A swirl of energy peeled away from the statue, drifting toward a bottle on the ground — the same one Gideon had thrown earlier.
Valakh's greedy gaze followed it.
"That one wasn't part of our deal," he muttered, popping the cork and raising it to his lips.
Gideon narrowed his eyes slightly.
Demons. Never fully trustworthy.
Valakh downed the contents in one gulp — then his expression contorted.
"Damn it! One-year holy water!?"
He glared at Gideon, who merely looked back, calm as stone.
From the very beginning, Gideon had never intended to waste a high-grade relic.
Using a top-tier holy water here wouldn't guarantee Marbas's destruction — but it would make Valakh think he had an endless supply. And that was dangerous.
Besides — with a turncoat demon on his side, why spend extra resources?
Twenty-year holy water was priceless. Even with a dozen more bottles in his pack, he had no reason to squander one here.
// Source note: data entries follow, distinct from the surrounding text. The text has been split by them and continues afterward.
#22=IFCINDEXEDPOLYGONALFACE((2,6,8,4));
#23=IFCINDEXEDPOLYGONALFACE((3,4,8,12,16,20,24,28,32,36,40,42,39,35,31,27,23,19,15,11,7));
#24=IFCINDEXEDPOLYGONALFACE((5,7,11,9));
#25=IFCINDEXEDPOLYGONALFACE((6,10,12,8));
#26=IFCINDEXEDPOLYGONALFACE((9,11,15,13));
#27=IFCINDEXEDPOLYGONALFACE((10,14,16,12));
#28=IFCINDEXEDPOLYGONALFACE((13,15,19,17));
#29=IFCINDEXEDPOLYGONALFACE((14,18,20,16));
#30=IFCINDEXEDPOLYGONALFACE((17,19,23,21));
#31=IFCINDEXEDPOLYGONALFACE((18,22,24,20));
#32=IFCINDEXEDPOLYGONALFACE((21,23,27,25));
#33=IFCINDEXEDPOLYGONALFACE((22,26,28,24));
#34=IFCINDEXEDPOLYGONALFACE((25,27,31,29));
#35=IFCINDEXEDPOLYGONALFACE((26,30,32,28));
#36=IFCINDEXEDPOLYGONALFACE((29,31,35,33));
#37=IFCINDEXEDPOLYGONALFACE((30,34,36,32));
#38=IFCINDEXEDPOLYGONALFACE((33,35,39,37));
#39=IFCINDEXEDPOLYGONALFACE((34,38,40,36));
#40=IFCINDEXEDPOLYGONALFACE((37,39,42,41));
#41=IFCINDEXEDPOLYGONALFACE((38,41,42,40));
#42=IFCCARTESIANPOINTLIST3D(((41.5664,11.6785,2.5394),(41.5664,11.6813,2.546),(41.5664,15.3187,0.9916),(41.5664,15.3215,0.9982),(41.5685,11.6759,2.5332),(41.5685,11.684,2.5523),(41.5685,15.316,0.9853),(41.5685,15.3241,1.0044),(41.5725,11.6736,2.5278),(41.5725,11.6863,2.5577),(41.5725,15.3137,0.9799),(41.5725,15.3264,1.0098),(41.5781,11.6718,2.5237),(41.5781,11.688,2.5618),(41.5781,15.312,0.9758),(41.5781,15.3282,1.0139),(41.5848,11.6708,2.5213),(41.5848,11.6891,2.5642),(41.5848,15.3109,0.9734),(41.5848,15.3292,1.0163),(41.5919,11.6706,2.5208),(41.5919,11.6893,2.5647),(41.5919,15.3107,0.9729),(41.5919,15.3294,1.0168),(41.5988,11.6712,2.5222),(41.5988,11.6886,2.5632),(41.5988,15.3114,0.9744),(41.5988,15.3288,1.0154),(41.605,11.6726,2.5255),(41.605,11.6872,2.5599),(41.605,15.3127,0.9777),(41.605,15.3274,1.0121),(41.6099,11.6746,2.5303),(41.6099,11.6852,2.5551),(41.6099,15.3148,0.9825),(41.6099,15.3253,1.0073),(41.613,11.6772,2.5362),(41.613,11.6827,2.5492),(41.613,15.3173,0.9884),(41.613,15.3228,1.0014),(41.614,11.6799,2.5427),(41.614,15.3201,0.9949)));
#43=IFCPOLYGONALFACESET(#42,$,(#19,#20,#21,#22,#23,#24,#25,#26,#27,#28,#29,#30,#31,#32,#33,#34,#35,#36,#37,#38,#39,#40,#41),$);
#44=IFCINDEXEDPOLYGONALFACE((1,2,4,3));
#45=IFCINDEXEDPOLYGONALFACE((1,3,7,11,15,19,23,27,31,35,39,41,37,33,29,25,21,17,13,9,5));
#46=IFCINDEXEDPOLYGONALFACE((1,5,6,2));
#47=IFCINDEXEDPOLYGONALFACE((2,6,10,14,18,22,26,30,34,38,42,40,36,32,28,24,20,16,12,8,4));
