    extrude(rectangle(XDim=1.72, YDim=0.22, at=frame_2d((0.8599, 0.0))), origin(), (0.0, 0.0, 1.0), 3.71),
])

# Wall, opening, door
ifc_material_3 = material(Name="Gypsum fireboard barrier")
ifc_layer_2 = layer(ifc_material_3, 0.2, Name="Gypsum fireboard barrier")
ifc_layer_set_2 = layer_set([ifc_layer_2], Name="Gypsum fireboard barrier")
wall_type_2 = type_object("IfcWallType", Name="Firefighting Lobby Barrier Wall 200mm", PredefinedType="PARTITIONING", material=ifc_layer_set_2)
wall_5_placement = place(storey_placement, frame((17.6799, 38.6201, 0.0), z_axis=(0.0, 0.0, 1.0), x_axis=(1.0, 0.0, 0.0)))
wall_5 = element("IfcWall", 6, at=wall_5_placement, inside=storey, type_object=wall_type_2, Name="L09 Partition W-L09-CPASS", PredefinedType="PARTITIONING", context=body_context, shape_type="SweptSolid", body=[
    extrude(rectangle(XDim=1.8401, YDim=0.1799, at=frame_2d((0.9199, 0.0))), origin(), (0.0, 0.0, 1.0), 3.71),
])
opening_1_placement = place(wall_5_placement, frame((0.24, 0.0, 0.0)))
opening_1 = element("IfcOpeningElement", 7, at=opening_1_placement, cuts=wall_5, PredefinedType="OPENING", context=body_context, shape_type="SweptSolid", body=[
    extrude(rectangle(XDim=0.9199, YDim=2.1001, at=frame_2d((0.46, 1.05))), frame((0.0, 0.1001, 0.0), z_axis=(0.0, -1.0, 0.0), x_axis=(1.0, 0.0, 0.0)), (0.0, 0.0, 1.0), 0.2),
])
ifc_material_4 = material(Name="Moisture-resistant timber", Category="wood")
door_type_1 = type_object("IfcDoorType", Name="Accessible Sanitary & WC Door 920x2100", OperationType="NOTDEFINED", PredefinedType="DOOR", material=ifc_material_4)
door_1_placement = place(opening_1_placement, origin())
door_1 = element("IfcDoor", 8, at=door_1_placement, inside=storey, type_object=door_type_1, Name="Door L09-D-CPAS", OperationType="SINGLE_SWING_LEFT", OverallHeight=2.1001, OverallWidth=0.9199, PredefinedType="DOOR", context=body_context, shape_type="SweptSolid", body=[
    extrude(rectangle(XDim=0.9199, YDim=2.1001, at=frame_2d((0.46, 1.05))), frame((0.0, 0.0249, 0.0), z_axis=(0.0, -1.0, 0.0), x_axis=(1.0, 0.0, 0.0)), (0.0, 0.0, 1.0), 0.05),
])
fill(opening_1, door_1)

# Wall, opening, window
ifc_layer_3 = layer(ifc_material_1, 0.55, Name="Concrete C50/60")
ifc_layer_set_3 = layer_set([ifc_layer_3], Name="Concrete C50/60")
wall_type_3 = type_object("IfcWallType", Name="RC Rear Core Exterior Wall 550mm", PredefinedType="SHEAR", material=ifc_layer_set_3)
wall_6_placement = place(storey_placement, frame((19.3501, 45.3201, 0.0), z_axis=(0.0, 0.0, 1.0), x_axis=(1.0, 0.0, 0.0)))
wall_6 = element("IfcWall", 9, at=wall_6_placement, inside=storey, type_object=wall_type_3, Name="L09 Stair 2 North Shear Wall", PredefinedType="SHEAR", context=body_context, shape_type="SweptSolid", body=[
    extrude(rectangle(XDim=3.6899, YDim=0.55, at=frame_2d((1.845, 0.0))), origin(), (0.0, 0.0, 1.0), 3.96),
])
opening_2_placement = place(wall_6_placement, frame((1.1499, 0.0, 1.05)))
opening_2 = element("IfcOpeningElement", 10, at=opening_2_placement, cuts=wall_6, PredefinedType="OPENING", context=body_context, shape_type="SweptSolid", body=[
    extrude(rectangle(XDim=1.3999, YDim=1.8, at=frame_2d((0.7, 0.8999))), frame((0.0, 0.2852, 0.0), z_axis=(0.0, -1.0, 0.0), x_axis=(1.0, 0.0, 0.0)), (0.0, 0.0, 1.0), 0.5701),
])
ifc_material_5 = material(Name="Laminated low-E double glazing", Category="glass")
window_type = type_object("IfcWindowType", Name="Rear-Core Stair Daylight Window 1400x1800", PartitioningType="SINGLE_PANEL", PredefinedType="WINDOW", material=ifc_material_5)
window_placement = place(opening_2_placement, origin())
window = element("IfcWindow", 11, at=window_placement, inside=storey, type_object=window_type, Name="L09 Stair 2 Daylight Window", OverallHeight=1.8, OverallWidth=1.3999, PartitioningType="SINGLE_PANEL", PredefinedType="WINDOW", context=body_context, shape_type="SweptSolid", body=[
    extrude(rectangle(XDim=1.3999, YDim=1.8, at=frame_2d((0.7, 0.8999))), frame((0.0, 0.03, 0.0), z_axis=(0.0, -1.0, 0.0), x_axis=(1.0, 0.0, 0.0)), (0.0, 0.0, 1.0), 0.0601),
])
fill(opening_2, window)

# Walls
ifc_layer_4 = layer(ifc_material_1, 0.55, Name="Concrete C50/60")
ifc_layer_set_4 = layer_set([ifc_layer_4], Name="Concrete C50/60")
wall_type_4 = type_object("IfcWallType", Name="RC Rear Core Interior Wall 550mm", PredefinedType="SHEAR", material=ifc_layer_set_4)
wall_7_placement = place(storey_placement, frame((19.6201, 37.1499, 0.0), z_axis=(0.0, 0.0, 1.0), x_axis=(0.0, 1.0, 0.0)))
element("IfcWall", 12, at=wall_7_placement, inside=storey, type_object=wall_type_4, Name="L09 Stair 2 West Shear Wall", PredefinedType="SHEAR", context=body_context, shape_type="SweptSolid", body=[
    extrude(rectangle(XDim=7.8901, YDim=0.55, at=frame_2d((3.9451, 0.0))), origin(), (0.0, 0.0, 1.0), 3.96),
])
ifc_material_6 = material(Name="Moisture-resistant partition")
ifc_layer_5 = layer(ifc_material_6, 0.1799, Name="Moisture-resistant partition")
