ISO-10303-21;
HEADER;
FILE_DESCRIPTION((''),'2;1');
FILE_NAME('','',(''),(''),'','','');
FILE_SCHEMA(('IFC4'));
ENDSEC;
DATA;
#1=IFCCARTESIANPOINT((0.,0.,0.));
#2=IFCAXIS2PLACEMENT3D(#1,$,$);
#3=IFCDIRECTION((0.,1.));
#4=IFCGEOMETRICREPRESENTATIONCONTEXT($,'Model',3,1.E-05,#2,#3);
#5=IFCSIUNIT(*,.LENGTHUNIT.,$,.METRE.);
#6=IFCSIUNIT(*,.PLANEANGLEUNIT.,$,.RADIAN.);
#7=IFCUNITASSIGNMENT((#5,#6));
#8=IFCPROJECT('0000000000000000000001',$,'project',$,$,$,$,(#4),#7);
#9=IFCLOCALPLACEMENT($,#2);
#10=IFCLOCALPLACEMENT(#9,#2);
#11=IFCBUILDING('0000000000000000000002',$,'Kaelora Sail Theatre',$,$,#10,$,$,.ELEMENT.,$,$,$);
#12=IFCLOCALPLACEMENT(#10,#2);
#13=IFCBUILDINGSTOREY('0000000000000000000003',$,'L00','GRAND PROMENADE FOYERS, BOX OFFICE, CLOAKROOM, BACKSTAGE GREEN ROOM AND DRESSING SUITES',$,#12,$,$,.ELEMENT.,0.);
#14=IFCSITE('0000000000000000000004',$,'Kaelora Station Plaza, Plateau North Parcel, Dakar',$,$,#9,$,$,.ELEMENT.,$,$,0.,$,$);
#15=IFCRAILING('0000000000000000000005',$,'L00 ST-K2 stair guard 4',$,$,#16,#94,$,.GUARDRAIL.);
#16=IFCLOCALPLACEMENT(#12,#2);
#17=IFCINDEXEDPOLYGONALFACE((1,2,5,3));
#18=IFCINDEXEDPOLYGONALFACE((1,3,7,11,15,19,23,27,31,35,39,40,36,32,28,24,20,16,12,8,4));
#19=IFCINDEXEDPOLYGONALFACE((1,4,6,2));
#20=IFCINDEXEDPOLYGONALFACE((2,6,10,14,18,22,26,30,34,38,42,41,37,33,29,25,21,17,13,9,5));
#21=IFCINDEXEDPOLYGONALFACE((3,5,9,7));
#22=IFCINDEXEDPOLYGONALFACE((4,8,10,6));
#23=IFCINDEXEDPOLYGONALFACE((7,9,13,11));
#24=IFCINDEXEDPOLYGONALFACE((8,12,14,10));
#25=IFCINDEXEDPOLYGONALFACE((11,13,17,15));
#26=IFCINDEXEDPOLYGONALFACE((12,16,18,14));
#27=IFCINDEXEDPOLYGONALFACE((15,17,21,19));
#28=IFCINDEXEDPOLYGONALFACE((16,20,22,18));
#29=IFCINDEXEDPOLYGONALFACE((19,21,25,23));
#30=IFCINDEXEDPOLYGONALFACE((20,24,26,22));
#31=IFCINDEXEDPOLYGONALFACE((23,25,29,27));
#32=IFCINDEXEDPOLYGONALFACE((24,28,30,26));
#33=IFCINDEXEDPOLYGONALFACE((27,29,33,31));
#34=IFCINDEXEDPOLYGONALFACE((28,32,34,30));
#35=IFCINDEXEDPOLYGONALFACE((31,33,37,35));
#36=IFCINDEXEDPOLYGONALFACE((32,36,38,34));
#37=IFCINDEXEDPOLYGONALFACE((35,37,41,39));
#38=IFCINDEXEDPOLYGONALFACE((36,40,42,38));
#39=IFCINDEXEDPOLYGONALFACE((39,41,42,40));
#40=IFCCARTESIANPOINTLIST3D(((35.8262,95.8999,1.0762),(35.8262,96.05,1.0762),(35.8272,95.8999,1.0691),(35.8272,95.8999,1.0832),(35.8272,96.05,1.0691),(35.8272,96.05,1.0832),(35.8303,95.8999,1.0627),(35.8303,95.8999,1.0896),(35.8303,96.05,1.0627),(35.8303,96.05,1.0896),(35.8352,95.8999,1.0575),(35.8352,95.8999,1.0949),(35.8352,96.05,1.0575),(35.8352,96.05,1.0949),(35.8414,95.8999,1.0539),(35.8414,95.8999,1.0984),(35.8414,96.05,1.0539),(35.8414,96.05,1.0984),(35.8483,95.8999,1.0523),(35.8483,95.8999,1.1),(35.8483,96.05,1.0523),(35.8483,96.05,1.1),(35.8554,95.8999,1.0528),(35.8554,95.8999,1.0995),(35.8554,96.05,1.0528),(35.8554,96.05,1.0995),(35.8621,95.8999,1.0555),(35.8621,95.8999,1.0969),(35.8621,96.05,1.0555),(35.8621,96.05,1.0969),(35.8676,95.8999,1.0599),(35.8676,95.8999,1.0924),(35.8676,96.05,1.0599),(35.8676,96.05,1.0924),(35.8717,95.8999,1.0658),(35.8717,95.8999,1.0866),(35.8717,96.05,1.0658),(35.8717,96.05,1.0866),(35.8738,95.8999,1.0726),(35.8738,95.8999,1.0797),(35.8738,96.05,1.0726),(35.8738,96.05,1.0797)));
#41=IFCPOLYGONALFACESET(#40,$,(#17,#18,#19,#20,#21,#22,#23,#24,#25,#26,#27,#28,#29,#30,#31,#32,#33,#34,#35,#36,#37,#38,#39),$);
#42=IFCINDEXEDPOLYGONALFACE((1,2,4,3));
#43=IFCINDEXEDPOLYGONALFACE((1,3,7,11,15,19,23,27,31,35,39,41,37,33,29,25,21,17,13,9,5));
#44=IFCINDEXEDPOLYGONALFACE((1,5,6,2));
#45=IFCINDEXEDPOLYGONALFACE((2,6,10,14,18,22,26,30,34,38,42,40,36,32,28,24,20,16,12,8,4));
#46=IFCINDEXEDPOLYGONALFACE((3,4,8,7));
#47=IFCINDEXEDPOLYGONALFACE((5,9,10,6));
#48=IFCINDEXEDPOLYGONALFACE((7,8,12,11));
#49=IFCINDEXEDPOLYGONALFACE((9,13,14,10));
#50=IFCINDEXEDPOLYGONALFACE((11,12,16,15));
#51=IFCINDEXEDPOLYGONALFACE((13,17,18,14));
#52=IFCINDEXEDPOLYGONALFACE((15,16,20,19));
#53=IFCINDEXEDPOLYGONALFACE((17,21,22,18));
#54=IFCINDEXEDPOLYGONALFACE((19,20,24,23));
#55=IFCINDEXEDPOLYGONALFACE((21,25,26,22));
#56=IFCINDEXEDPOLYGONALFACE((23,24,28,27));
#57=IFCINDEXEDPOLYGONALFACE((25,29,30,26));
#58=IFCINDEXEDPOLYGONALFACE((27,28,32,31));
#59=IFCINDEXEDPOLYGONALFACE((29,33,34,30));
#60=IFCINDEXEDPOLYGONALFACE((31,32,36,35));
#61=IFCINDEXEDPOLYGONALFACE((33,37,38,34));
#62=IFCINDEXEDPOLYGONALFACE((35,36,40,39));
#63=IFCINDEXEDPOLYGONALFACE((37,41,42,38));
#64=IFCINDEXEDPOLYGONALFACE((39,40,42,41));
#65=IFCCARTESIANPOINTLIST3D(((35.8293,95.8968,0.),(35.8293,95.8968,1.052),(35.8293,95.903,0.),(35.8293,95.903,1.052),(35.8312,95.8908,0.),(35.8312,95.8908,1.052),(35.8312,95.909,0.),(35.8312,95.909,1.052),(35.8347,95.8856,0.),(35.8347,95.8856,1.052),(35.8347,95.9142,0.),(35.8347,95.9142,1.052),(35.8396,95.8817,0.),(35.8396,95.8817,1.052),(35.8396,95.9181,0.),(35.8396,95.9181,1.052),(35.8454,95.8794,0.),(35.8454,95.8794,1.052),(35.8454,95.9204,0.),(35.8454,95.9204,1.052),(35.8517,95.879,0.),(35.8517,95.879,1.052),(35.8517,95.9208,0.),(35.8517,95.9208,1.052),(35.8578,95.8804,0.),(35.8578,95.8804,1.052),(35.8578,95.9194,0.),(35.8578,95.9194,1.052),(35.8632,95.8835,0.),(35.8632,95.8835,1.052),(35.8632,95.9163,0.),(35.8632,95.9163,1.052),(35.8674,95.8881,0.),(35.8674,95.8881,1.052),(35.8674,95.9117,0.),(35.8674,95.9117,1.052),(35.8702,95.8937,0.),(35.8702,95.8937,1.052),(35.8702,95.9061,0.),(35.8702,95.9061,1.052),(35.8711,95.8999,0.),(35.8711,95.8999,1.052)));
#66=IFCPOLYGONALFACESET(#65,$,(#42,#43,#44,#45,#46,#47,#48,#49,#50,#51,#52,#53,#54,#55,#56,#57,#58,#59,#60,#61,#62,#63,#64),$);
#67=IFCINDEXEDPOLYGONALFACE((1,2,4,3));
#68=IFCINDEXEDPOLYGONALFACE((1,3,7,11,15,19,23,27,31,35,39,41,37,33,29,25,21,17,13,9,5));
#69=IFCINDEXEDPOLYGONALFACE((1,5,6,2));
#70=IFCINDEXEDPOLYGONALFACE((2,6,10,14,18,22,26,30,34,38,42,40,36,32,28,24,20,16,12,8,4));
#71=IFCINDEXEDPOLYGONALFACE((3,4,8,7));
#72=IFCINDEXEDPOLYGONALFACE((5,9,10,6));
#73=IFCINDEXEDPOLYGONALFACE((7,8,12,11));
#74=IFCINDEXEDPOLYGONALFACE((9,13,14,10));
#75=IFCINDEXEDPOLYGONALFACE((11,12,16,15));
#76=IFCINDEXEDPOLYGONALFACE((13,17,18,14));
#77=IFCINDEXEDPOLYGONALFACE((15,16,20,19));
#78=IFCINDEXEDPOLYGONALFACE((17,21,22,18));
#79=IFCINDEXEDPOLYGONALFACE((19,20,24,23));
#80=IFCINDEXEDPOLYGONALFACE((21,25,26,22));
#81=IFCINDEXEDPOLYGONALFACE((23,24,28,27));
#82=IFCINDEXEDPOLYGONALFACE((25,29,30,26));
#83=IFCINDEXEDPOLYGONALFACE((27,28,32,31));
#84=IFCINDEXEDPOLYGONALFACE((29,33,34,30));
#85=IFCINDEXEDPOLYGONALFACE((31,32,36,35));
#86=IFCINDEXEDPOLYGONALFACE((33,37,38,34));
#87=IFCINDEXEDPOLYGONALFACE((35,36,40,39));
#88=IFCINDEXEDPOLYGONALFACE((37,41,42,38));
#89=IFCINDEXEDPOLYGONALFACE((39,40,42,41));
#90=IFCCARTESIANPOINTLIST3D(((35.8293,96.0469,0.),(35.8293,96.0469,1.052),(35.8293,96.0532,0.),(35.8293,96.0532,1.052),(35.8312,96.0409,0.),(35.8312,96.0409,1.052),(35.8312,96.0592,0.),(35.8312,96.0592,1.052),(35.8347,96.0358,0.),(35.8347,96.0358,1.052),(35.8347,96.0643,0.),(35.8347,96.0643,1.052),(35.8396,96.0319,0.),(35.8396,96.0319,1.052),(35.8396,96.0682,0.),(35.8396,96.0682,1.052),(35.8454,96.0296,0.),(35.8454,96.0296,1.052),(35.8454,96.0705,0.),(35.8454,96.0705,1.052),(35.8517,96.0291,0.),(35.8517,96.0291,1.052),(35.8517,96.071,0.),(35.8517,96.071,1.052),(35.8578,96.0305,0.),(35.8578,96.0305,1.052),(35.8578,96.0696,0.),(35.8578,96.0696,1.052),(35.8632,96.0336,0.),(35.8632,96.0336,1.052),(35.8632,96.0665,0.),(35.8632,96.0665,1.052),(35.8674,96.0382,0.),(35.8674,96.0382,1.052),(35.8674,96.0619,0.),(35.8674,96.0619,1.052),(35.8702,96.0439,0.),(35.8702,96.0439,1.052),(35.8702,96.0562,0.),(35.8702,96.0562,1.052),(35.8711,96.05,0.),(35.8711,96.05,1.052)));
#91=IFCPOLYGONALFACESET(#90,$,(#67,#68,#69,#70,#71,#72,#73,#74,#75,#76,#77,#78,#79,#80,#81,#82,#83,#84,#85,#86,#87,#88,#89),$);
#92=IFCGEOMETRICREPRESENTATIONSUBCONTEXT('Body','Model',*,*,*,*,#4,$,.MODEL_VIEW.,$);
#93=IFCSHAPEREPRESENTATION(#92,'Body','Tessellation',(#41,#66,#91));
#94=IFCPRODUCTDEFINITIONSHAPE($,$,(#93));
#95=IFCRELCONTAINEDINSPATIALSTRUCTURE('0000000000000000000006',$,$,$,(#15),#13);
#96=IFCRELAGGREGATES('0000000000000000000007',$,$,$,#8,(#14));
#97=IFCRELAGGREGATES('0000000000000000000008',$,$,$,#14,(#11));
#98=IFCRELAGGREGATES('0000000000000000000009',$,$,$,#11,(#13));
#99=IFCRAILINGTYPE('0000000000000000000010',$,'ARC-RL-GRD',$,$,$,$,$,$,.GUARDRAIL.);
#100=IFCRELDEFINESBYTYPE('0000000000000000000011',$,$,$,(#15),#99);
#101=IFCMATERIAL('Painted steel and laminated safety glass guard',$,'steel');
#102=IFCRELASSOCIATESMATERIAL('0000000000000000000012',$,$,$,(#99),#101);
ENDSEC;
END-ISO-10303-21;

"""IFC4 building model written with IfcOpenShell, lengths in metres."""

from ifc_helpers import new_model, si_unit, direction, frame, origin, origin_2d, place, context, subcontext, project, spatial, circle, extrude, material, type_object, element, save


model = new_model("IFC4")

# Units and contexts
model_context = context("Model", 3, precision=1e-05, world=origin(), true_north=direction((0.0, 1.0)))
body_context = subcontext(model_context, "Body", "Model", "MODEL_VIEW")
ifc_project = project(units=[si_unit("LENGTHUNIT", "METRE"), si_unit("PLANEANGLEUNIT", "RADIAN")], contexts=[model_context])

# Site, building, storey
site_placement = place(None, origin())
site = spatial("IfcSite", under=ifc_project, at=site_placement, Name="Kaelora Station Plaza, Plateau North Parcel, Dakar", CompositionType="ELEMENT", RefElevation=0.0)
building_placement = place(site_placement, origin())
building = spatial("IfcBuilding", under=site, at=building_placement, Name="Kaelora Sail Theatre", CompositionType="ELEMENT")
storey_placement = place(building_placement, origin())
storey = spatial("IfcBuildingStorey", under=building, at=storey_placement, Name="L00", Description="GRAND PROMENADE FOYERS, BOX OFFICE, CLOAKROOM, BACKSTAGE GREEN ROOM AND DRESSING SUITES", CompositionType="ELEMENT", Elevation=0.0)

# Railing
ifc_material_1 = material(Name="Painted steel and laminated safety glass guard", Category="steel")
railing_type_1 = type_object("IfcRailingType", Name="ARC-RL-GRD", PredefinedType="GUARDRAIL", material=ifc_material_1)
railing_1_placement = place(storey_placement, frame((35.8501, 95.8999, 0.0)))
element("IfcRailing", 1, at=railing_1_placement, inside=storey, type_object=railing_type_1, Name="L00 ST-K2 stair guard 4", PredefinedType="GUARDRAIL", context=body_context, shape_type="SweptSolid", body=[
    extrude(circle(Radius=0.0239, at=origin_2d()), frame((0.0, 0.0, 1.0762), z_axis=(0.0, 1.0, 0.0), x_axis=(-1.0, 0.0, 0.0)), (0.0, 0.0, 1.0), 0.1501),
    extrude(circle(Radius=0.021, at=origin_2d()), origin(), (0.0, 0.0, 1.0), 1.052),
    extrude(circle(Radius=0.021, at=origin_2d()), frame((0.0, 0.1501, 0.0)), (0.0, 0.0, 1.0), 1.052),
])

save(model, "model.ifc")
They held each other's gaze for a few seconds — each silently thinking the same thing:
"What a cunning bastard."
With Valakh busy wrestling for control, Gideon could finally focus on the true objective — the contract.
Carlby, meanwhile, had regained consciousness. He stared at his own soul — the faint, ghostly reflection still chained to the crow idol — and froze.
"When the parchment burns," Gideon said, "grip the cross tightly, and pray with all your heart."
His voice carried a faint echo of a true missionary now.
"Only faith will shield you when the light descends."
Carlby clutched the cross to his chest and nodded, trembling.
As the winds howled and the two demons screamed in fury, Gideon drew out the Rite of Exorcism — its pages trembling between his fingers.
And beneath the raging heavens, the final battle of faith and infernal will was about to begin.